Melanoma detection, treatment, survival, and mortality through year 2 of the pandemic

Arch Dermatol Res. 2025 Jan 9;317(1):209. doi: 10.1007/s00403-024-03751-1.

Abstract

The COVID-19 pandemic affected the timely diagnosis and treatment of many cancers, including melanoma, the fifth most common cancer in the U.S. This study aimed to quantify the disruption and recovery of melanoma detection, treatment, survival, and mortality during the pandemic by analyzing data from the Surveillance, Epidemiology, and End Results (SEER) program from 2000 to 2021. Our epidemiological analysis found that melanoma incidence initially dropped by 14.8% (95% CI: - 17.2 to - 12.4) in 2020 compared to pre-pandemic projections. Although incidence rates substantially recovered by 2021, an estimated 10,274 patients (95% CI: - 12,824 to - 7,724) remained undiagnosed due to pandemic-related disruptions.
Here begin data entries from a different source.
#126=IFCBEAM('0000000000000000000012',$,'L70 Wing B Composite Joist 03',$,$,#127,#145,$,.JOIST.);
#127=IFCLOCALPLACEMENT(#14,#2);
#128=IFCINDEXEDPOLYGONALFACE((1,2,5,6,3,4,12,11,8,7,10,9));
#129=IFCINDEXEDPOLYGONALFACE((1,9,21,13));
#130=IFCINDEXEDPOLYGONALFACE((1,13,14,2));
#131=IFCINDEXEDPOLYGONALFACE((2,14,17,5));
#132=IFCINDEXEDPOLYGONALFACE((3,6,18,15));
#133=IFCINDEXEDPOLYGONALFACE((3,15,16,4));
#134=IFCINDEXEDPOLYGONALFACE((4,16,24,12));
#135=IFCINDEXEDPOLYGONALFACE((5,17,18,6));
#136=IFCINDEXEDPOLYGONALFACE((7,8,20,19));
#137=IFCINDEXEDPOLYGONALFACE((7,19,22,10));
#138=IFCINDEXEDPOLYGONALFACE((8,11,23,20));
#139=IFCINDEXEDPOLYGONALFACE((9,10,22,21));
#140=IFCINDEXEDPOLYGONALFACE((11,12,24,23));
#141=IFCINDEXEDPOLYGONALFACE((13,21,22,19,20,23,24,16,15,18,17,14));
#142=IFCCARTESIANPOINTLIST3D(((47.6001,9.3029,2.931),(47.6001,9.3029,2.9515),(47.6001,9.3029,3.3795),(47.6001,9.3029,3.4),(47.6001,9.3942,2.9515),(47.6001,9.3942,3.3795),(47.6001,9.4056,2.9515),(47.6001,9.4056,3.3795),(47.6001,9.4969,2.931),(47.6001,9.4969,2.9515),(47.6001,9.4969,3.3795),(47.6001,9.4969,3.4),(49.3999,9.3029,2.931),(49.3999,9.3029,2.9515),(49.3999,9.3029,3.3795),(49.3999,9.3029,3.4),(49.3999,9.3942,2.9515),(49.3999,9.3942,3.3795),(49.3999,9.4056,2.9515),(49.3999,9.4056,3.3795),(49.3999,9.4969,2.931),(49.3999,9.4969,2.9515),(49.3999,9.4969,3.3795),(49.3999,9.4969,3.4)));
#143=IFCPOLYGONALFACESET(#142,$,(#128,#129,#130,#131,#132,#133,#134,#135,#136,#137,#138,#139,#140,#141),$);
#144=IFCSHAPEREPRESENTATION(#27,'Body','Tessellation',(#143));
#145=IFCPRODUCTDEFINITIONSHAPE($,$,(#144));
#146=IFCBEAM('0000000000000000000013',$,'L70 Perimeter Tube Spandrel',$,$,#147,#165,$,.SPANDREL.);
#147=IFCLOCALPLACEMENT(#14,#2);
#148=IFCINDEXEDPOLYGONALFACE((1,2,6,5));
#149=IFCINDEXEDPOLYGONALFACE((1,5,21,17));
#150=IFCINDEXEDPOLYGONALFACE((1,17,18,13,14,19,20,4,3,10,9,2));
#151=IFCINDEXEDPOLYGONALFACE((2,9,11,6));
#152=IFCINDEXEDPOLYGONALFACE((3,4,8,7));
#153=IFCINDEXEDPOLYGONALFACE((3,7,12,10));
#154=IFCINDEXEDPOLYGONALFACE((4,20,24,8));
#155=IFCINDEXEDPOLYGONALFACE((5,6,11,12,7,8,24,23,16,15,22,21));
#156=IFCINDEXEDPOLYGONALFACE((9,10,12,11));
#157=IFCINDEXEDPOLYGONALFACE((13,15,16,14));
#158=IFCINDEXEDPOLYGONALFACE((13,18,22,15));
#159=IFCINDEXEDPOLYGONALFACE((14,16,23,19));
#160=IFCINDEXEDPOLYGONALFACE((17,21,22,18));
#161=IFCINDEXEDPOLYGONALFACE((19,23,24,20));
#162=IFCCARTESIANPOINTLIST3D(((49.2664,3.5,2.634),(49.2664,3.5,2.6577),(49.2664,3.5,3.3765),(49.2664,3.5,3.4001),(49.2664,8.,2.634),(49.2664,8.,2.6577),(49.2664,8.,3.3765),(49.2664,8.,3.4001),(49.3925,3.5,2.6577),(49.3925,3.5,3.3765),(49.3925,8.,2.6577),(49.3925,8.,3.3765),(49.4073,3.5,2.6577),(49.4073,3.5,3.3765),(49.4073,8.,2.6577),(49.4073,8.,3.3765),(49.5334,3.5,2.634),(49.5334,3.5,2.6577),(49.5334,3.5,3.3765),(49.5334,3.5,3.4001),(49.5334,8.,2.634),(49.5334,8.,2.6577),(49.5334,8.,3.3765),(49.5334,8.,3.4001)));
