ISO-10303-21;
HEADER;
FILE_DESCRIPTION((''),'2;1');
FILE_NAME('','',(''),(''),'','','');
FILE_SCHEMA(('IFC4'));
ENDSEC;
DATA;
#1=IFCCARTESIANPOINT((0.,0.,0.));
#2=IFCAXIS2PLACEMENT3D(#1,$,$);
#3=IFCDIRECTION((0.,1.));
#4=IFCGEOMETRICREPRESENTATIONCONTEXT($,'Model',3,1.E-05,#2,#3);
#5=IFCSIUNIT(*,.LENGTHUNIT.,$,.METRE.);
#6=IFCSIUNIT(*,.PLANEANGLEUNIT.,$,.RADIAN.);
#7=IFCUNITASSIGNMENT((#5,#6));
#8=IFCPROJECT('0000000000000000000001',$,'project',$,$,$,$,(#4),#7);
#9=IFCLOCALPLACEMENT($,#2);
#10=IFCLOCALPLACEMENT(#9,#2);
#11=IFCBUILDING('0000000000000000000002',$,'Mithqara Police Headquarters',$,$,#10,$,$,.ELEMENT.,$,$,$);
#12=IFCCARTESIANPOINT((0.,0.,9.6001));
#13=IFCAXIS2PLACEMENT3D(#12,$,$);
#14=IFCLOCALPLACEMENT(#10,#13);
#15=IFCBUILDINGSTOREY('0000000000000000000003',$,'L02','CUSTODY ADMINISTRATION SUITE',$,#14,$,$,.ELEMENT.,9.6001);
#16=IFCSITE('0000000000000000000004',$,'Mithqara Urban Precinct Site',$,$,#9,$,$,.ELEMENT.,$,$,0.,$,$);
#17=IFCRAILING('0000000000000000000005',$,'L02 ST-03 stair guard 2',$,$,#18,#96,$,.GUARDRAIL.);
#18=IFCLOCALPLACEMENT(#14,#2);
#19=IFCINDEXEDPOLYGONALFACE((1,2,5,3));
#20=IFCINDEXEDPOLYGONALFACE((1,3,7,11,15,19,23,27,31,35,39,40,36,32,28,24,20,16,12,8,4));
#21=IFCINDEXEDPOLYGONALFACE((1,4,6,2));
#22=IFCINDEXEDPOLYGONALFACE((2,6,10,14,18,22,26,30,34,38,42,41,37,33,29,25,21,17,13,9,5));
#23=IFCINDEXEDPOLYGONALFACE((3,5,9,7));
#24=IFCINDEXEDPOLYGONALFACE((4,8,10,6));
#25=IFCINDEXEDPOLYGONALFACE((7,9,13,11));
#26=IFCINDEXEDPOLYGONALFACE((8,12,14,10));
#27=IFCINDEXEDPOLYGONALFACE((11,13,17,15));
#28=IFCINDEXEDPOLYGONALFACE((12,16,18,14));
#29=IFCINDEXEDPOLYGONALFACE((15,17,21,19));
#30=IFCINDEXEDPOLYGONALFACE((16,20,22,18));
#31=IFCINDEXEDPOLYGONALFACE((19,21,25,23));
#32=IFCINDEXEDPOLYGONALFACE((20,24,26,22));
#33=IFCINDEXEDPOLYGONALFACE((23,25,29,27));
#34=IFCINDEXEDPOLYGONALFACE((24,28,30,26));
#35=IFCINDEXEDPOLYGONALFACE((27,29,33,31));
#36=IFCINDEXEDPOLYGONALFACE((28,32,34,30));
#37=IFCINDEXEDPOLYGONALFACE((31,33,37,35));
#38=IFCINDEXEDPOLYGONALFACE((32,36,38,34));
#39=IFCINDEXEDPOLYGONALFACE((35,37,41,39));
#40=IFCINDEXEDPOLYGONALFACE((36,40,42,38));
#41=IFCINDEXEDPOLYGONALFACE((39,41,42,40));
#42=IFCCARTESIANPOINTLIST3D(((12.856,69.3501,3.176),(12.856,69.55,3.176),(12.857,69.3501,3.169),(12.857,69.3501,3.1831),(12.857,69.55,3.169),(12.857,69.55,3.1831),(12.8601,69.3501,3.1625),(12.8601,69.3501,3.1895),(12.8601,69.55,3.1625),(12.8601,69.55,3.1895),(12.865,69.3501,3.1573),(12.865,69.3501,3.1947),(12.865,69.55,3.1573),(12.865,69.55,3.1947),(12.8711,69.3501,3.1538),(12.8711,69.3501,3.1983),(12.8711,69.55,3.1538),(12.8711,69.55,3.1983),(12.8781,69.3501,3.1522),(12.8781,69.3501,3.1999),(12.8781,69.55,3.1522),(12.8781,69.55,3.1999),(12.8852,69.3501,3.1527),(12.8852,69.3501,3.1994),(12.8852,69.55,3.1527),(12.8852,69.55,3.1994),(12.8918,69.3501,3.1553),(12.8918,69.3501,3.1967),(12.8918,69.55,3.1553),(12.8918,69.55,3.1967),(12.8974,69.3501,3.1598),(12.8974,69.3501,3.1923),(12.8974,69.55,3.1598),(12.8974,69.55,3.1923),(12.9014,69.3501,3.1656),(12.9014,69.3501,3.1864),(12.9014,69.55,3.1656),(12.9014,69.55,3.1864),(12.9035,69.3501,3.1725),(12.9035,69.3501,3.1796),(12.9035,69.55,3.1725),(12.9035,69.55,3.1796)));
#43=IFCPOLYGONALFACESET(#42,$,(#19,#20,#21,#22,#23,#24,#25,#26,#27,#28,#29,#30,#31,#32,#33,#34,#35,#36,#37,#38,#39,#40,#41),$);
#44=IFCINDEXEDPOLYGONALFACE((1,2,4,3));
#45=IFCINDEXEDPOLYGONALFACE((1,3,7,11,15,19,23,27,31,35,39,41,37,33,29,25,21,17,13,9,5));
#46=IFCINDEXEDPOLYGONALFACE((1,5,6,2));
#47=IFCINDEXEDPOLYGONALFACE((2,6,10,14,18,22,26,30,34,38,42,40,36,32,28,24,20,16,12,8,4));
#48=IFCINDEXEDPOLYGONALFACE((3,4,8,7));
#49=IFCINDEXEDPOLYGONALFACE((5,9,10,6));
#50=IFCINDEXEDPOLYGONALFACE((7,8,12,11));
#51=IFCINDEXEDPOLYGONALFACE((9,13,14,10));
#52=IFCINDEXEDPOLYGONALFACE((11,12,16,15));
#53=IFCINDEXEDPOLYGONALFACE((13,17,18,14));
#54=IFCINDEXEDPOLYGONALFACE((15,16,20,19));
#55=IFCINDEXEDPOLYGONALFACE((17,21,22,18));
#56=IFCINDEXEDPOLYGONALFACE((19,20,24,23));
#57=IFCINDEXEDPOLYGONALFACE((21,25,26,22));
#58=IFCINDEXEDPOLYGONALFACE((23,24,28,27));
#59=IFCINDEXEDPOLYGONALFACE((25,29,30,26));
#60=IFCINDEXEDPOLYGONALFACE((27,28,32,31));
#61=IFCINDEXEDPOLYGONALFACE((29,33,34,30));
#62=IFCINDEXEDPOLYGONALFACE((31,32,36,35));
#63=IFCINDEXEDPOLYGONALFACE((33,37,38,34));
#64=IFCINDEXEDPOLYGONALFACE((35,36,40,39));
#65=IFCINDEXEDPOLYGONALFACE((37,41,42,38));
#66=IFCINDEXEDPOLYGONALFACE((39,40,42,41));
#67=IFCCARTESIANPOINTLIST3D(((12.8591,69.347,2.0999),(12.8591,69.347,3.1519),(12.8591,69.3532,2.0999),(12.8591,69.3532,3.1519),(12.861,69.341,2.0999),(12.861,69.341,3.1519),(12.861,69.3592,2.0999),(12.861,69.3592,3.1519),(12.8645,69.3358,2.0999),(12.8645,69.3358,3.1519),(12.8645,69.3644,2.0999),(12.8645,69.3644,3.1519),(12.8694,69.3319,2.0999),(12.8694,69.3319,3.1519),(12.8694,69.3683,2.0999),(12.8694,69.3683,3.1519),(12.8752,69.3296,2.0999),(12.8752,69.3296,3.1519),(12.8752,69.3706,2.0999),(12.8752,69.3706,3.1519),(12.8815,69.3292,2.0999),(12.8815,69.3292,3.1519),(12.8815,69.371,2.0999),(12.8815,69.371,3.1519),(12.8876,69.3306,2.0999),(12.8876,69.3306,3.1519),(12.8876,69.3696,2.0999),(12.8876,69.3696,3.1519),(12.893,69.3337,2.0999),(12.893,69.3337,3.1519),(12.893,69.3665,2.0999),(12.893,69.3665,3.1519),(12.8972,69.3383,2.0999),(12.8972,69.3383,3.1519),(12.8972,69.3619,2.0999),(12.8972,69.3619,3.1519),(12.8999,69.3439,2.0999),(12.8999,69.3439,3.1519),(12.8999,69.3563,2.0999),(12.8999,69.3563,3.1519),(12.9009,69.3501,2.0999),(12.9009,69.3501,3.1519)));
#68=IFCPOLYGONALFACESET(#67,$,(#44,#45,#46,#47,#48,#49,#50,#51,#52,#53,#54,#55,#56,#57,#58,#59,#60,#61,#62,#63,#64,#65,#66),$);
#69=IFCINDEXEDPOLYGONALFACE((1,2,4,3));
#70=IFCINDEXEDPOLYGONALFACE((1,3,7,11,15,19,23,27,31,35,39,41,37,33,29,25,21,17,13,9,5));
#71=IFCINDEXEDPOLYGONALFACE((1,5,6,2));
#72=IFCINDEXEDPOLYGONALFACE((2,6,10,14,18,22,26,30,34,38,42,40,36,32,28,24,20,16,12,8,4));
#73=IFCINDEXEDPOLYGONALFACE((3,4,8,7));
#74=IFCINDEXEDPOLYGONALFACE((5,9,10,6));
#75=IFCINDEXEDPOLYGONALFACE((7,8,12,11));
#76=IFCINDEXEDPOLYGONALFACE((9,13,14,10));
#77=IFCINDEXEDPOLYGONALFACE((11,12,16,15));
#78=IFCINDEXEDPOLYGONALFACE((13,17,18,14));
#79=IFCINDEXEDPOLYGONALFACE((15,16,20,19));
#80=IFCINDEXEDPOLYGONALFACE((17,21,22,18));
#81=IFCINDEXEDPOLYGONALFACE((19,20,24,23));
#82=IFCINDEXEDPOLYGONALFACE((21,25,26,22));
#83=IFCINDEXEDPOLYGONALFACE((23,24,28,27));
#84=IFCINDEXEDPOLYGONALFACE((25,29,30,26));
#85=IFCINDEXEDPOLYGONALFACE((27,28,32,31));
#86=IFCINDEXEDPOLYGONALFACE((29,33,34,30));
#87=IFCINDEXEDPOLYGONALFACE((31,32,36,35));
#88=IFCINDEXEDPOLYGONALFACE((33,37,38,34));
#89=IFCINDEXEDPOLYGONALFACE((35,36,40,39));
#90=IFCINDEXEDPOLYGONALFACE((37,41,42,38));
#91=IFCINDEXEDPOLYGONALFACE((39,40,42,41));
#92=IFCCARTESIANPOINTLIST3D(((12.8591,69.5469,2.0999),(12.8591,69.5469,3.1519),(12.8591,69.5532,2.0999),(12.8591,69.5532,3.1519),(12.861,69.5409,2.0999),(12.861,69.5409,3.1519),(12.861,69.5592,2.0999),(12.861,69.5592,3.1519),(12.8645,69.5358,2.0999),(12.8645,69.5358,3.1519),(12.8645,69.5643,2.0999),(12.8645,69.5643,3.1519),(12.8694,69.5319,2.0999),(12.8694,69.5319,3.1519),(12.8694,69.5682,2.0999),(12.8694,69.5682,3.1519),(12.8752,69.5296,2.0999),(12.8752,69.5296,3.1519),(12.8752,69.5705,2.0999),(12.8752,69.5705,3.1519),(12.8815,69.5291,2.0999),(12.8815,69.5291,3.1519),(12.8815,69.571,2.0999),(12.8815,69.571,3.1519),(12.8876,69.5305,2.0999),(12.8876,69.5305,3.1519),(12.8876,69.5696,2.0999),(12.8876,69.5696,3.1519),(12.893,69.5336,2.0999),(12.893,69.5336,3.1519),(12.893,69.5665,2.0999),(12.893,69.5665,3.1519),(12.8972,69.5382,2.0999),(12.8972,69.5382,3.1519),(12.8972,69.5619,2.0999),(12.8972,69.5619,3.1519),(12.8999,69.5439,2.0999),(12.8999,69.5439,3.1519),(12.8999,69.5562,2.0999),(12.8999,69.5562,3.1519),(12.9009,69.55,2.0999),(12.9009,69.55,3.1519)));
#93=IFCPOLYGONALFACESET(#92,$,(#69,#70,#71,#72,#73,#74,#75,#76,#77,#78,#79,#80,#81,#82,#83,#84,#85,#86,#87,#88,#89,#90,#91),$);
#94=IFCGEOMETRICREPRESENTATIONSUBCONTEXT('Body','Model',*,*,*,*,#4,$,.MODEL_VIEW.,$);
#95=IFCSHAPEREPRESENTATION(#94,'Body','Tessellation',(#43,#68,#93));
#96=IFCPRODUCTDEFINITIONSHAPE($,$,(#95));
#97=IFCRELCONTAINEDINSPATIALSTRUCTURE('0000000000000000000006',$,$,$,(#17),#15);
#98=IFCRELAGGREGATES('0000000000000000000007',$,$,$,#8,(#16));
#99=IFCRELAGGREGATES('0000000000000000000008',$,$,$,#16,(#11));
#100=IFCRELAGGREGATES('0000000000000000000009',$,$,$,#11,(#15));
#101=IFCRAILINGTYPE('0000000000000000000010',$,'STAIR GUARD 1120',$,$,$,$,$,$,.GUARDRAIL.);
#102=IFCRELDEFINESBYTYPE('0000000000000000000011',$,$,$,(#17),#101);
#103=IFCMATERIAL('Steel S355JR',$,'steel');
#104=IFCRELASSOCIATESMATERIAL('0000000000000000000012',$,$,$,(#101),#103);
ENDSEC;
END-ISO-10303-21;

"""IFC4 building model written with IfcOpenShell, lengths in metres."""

from ifc_helpers import new_model, si_unit, direction, frame, origin, origin_2d, place, context, subcontext, project, spatial, circle, extrude, material, type_object, element, save


model = new_model("IFC4")

# Units and contexts
model_context = context("Model", 3, precision=1e-05, world=origin(), true_north=direction((0.0, 1.0)))
body_context = subcontext(model_context, "Body", "Model", "MODEL_VIEW")
ifc_project = project(units=[si_unit("LENGTHUNIT", "METRE"), si_unit("PLANEANGLEUNIT", "RADIAN")], contexts=[model_context])

# Site, building, storey
site_placement = place(None, origin())
site = spatial("IfcSite", under=ifc_project, at=site_placement, Name="Mithqara Urban Precinct Site", CompositionType="ELEMENT", RefElevation=0.0)
building_placement = place(site_placement, origin())
building = spatial("IfcBuilding", under=site, at=building_placement, Name="Mithqara Police Headquarters", CompositionType="ELEMENT")
storey_placement = place(building_placement, frame((0.0, 0.0, 9.6001)))
storey = spatial("IfcBuildingStorey", under=building, at=storey_placement, Name="L02", Description="CUSTODY ADMINISTRATION SUITE", CompositionType="ELEMENT", Elevation=9.6001)

# Shared definitions
ifc_material_1 = material(Name="Steel S355JR", Category="steel")

# Railing
railing_type_1 = type_object("IfcRailingType", Name="STAIR GUARD 1120", PredefinedType="GUARDRAIL", material=ifc_material_1)
railing_1_placement = place(storey_placement, frame((12.8799, 69.3501, 2.0999)))
element("IfcRailing", 1, at=railing_1_placement, inside=storey, type_object=railing_type_1, Name="L02 ST-03 stair guard 2", PredefinedType="GUARDRAIL", context=body_context, shape_type="SweptSolid", body=[
    extrude(circle(Radius=0.0239, at=origin_2d()), frame((0.0, 0.0, 1.0762), z_axis=(0.0, 1.0, 0.0), x_axis=(-1.0, 0.0, 0.0)), (0.0, 0.0, 1.0), 0.2),
    extrude(circle(Radius=0.021, at=origin_2d()), origin(), (0.0, 0.0, 1.0), 1.052),
    extrude(circle(Radius=0.021, at=origin_2d()), frame((0.0, 0.2, 0.0)), (0.0, 0.0, 1.0), 1.052),
])

save(model, "model.ifc")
Time-to-treatment and 1-year survival were mostly consistent with pre-pandemic trends, while melanoma-specific mortality modestly declined by 4.5% (95% CI: - 14.6 to 5.6) in 2021, though this was statistically non-significant. These findings suggest that healthcare systems adapted to the challenges posed by the pandemic, maintaining essential cancer services. However, the significant drop in melanoma diagnoses likely contributed to the observed reduction in mortality. Thus, re-establishing care for patients missed during the pandemic will be crucial to preventing a future increase in advanced-stage melanoma and related deaths.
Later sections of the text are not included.